In any event, no known functionality of VPNFilter allows for modification or manipulation of traffic, which would be necessary to weaponize the network device implant. As noted by Cisco Talos researchers, “Very significant changes would be required to implement functionality that could modify traffic.” That of course does not mean such a disruptive module is not possible or does not exist, but no evidence is currently available identifying such a capability as part of VPNFilter.
Furthermore, the range of devices targeted by VPNFilter, although extended in Cisco Talos’ updated report, remains focused on SOHO and some lower-end enterprise/commercial networking gear. Some of these, such as the TP-LINK VPN concentrator mentioned above in conjunction with the Modbus module, would be valuable to access or profile traffic going to an ICS network where installed. But none appear related to likely legitimate applications within such environments (outside of “shadow IT” installations of non-approved gear). Even then, SBU’s report makes a claim that process equipment, not networking gear, was infected:
“…the enterprise’s process control system and system for detecting signs of emergencies had deliberately been infected by the VPNFilter computer virus…”
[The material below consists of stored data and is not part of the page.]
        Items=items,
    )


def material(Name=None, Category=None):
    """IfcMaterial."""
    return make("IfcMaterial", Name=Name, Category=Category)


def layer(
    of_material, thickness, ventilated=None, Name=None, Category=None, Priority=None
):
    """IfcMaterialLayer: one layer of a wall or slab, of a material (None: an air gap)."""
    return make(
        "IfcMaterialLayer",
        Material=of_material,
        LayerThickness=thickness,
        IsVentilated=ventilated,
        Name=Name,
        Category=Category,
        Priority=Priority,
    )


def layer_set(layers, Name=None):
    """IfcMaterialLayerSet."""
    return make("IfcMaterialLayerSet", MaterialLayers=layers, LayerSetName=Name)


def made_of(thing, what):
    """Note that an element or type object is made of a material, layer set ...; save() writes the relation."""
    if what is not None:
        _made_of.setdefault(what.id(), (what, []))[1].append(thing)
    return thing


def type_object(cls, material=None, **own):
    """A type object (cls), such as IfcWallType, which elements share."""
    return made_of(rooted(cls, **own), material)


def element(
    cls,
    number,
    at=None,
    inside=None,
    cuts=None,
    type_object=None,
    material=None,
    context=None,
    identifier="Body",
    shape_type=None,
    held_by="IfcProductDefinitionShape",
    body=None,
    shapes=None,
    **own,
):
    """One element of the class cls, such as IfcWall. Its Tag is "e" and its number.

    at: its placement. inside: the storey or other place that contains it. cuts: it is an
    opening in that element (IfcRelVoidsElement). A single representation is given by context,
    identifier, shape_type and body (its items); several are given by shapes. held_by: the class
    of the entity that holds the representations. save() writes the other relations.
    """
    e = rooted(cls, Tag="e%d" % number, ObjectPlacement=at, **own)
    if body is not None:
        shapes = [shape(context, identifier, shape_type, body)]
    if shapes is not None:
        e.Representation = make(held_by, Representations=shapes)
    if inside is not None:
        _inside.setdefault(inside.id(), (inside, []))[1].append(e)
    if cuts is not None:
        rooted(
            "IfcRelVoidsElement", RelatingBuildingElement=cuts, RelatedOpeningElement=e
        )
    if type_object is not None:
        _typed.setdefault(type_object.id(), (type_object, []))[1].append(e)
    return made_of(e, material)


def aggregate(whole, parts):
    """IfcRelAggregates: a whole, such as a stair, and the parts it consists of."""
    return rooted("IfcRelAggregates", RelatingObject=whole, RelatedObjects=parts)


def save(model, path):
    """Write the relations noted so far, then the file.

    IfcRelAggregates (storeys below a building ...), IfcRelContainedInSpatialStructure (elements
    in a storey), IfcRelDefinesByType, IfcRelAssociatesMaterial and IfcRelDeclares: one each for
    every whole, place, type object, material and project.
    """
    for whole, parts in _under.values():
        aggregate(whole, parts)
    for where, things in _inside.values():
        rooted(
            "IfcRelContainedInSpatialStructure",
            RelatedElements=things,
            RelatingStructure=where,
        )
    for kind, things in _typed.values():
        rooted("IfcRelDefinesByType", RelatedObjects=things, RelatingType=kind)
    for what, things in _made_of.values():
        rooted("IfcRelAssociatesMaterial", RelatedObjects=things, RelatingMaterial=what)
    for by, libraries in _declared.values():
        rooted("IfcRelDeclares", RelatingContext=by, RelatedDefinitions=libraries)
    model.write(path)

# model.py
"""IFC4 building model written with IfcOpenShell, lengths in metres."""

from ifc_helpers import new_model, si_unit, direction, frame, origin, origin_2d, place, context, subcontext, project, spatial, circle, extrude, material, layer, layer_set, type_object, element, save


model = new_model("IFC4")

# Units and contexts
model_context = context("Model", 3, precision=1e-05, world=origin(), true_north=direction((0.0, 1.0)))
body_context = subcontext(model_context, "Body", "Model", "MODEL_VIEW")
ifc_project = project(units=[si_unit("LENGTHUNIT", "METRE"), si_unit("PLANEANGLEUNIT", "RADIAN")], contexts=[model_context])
If this statement is true, it represents a dramatic increase in scope and capability for what we presently know about VPNFilter, as well as indicating some potential details on the operation itself. First, “deliberately” implies a malicious entity directly impacted the target device, which in turn further implies successfully penetration of the process control network rather than the victim of some wormable infector (like WannaCry). Second, the sentence begins by stating process control and (presumably) safety systems were impacted, implying multiple infections of ICS-specific gear. This goes against all that we know about VPNFilter’s capabilities to date in terms of device applicability. Essentially, VPNFilter is only known to infect various types of network gear and not embedded systems and ICS operations equipment.
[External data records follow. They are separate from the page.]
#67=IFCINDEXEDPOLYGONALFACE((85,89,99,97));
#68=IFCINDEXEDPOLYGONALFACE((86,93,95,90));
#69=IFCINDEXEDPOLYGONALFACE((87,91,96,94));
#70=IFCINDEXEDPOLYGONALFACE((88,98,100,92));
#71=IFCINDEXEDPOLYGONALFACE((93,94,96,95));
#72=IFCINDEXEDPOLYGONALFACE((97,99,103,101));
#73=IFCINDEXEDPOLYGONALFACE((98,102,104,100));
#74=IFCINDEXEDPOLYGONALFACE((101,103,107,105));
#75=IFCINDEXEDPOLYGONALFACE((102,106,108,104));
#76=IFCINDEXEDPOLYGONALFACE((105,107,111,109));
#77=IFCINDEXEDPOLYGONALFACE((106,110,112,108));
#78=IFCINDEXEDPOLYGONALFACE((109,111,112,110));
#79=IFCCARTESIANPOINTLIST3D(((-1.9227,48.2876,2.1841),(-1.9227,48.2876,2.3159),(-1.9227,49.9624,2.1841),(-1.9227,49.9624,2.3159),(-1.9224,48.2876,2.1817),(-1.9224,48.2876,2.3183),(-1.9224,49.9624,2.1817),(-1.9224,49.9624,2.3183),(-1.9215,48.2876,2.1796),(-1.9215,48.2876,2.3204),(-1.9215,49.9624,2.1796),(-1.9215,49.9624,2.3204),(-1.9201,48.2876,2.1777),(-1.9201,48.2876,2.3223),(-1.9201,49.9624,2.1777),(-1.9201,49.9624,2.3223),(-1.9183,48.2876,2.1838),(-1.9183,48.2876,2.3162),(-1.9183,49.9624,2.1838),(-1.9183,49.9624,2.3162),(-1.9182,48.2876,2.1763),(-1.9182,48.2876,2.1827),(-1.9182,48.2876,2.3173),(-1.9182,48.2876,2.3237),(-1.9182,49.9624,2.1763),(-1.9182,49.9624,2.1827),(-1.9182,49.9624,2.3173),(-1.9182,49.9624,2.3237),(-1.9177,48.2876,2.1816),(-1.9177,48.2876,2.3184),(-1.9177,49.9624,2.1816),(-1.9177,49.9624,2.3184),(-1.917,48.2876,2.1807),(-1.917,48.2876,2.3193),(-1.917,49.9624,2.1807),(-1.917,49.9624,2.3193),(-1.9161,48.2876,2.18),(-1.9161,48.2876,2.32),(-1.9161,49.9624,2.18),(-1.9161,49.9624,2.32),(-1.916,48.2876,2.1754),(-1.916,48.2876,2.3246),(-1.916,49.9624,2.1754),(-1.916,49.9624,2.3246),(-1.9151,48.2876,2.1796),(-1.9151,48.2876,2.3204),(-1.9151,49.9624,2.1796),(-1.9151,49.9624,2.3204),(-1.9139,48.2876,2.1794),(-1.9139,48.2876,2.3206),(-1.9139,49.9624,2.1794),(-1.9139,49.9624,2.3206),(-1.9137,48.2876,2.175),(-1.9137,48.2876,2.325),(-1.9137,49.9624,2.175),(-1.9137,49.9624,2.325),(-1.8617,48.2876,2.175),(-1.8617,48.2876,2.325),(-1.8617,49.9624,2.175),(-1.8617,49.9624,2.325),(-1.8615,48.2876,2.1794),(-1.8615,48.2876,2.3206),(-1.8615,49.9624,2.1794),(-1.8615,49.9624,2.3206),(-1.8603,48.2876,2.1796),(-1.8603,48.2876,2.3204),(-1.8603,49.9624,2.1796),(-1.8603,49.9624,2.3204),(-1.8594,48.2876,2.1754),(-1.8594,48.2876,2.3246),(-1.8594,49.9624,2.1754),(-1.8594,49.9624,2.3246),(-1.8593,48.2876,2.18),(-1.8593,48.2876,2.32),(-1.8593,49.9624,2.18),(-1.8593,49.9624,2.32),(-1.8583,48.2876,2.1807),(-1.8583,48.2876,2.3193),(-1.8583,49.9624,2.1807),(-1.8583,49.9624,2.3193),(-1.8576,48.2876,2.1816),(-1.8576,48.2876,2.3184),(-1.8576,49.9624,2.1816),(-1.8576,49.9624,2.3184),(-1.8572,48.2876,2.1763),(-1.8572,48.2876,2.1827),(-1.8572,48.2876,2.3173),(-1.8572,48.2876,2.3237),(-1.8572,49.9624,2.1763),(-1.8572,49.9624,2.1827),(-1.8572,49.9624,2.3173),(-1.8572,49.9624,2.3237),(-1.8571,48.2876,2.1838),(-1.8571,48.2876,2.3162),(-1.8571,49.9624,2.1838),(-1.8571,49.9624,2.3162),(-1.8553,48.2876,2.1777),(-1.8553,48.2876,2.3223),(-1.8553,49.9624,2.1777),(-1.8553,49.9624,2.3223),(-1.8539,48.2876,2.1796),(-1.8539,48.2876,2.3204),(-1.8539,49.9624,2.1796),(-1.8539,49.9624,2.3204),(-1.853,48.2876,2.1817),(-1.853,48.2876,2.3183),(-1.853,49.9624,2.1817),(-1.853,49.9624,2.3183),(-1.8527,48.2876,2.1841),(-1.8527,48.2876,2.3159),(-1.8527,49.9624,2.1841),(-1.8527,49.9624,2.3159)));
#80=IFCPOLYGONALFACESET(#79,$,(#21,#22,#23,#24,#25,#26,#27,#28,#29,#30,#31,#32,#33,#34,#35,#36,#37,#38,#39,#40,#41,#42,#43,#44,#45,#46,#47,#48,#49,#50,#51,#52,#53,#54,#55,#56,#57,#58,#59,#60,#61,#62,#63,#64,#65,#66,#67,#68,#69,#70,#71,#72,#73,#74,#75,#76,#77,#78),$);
It is likely, based on available evidence and knowledge of VPNFilter, that the chemical plant identified this malware on its network, but adversaries only used it within its stated capability as a traffic analysis and collection platform with limited scope for manipulation, and none for ICS-specific protocols. As such, this would provide valuable information to the attacker to prepare for a subsequent, potentially more damaging attack using unknown tools to directly impact the production or safety processes.
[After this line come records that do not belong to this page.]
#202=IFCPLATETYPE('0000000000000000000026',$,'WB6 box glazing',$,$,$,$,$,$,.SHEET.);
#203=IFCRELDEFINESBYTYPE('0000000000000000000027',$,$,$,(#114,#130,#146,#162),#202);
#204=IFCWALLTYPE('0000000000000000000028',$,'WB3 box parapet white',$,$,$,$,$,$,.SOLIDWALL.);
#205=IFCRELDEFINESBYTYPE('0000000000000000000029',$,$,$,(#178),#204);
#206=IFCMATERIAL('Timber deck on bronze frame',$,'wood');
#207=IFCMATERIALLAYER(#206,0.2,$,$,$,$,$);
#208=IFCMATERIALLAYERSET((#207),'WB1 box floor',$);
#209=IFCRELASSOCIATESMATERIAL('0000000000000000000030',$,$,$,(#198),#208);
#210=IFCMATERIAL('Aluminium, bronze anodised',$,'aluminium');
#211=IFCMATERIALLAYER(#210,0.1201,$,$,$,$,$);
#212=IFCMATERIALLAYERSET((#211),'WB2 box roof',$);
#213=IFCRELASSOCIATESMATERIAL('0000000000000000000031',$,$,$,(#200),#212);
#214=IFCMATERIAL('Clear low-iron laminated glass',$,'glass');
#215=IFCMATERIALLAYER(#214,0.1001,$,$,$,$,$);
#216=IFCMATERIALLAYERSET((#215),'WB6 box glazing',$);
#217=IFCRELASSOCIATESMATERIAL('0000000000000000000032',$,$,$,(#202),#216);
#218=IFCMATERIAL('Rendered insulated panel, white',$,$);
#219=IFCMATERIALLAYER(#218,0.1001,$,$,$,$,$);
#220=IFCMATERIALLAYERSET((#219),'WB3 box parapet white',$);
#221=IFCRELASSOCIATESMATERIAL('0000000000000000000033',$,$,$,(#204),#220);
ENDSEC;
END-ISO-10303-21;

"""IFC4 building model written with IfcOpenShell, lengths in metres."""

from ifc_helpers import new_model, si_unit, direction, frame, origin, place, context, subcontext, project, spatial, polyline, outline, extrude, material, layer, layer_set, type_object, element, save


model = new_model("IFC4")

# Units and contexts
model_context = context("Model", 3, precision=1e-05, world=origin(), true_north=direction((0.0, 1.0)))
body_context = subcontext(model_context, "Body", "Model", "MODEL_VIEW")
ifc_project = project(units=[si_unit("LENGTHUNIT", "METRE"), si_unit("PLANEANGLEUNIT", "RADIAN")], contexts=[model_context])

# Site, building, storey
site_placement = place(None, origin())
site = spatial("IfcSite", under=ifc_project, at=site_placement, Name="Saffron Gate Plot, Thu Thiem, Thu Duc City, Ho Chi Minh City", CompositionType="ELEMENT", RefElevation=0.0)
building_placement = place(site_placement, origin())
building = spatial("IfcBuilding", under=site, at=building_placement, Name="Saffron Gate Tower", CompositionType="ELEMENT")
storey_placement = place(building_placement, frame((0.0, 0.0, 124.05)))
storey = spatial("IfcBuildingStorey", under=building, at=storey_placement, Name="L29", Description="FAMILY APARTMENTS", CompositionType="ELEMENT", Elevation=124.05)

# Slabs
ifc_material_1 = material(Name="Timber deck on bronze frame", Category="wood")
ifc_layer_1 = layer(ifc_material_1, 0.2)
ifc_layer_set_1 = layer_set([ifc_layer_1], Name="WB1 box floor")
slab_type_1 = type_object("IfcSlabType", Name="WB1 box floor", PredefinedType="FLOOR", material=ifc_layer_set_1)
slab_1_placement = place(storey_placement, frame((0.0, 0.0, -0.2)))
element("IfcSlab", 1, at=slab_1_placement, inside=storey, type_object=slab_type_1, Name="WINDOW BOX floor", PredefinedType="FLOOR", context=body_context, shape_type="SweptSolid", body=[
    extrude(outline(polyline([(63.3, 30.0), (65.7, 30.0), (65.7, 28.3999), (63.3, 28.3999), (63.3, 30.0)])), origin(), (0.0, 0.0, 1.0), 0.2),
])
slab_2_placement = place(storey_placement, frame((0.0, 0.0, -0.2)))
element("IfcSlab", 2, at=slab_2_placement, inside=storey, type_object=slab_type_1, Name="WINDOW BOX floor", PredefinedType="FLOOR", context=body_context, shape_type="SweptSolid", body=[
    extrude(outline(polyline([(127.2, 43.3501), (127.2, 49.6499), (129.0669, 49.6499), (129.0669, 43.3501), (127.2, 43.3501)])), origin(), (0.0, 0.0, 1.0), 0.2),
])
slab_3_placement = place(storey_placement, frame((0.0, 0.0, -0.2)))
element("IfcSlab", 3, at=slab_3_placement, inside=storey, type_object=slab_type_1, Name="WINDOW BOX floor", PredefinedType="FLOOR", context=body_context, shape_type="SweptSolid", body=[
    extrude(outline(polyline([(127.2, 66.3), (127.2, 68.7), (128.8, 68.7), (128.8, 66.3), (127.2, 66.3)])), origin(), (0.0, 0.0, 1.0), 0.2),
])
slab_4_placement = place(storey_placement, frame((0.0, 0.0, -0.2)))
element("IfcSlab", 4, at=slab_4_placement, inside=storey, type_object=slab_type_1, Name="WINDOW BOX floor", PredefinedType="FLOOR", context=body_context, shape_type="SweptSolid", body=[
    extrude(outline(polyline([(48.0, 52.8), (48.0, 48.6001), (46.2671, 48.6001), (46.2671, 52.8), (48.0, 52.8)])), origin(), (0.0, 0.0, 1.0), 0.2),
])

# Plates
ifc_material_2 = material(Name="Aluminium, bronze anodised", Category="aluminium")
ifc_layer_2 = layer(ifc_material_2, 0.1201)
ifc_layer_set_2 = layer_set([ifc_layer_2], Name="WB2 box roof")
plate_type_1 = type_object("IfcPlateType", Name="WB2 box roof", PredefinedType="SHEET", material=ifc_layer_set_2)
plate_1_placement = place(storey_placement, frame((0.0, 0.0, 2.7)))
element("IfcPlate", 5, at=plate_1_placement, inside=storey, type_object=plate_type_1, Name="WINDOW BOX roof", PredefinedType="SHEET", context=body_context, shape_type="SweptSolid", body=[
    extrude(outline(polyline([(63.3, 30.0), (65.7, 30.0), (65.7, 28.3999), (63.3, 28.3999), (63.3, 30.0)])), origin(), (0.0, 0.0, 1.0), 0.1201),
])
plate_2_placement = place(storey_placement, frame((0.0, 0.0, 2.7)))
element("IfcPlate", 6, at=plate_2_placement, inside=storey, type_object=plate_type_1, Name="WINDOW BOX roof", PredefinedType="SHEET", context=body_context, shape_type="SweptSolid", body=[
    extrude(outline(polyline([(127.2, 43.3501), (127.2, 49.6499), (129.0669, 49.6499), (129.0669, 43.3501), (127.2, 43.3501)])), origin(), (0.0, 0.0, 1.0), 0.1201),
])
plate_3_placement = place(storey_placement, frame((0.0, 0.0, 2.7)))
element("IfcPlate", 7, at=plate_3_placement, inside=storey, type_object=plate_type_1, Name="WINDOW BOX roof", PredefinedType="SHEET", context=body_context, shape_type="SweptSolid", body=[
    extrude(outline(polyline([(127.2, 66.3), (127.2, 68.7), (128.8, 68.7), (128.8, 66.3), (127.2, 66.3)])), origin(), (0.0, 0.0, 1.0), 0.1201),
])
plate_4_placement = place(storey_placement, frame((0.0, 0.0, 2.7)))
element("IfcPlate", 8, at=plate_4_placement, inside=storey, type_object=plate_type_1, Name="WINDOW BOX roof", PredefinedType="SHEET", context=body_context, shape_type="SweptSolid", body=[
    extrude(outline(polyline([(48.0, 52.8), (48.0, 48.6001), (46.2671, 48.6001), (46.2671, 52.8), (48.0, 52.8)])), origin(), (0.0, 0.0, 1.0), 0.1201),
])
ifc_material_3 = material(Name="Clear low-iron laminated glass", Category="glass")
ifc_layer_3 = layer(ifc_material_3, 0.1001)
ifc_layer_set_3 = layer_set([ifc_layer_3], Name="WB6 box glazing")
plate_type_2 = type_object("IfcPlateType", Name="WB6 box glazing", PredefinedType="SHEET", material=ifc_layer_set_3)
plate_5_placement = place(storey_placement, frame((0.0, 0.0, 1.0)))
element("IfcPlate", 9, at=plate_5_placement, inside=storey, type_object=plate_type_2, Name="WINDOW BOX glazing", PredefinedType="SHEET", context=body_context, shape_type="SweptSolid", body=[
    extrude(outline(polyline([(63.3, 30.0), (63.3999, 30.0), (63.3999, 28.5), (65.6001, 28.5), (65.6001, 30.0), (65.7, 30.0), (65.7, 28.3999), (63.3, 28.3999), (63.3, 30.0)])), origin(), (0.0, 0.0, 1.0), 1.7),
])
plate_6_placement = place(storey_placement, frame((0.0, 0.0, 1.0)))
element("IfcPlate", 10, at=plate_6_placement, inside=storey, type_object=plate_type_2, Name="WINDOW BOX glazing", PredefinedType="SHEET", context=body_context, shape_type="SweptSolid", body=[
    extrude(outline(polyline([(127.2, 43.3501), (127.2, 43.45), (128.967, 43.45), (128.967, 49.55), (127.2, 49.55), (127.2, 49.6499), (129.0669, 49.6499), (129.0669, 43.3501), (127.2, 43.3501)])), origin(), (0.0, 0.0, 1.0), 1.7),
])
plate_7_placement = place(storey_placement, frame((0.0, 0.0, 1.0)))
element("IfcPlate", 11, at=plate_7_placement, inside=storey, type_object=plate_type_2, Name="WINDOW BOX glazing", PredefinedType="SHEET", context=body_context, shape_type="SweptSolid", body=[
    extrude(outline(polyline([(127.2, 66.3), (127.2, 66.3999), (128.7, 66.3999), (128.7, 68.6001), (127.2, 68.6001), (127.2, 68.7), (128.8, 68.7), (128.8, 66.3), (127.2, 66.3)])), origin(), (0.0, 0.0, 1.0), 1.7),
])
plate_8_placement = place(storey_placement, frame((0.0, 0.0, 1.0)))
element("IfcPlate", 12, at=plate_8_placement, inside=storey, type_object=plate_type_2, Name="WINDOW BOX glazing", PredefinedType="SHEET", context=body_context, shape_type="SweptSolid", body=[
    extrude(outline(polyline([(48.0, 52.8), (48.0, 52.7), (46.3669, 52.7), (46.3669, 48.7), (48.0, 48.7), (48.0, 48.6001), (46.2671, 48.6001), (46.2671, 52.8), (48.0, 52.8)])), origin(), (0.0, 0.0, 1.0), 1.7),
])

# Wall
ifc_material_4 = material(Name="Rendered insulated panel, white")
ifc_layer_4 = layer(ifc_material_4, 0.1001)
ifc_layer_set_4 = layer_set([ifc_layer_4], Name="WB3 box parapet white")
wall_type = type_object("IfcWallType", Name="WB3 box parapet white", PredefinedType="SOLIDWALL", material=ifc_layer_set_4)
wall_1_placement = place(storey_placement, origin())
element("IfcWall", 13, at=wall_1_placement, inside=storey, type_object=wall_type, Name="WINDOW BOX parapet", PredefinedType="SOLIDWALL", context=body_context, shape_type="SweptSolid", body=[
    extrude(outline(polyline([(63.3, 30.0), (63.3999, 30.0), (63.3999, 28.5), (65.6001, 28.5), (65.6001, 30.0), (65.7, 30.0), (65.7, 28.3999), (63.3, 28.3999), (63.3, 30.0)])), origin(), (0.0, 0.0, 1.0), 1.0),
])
This is good work by SBU in stopping and identifying a potential attack-in-progress, but information released to date seems insufficient to draw any definitive conclusions. Essentially, VPNFilter as it is currently known and documented could not have been directly responsible for this attack. Instead, VPNFilter’s likely contribution to such an event comes only in an enabling, data collection role providing support for future disruptive activities. If the attacker used VPNFilter, or some close variant thereof, this represents a dramatic increase in capability and installation scope, rendering a significant number of devices in ICS environments all over the world vulnerable to a similar attack. Because of the risk involved to other infrastructure by either further attacks from the same entity as this case or “copycat” attacks if the methodology is leaked or proliferates, the ICS community must hope that SBU provides additional technical details on this event.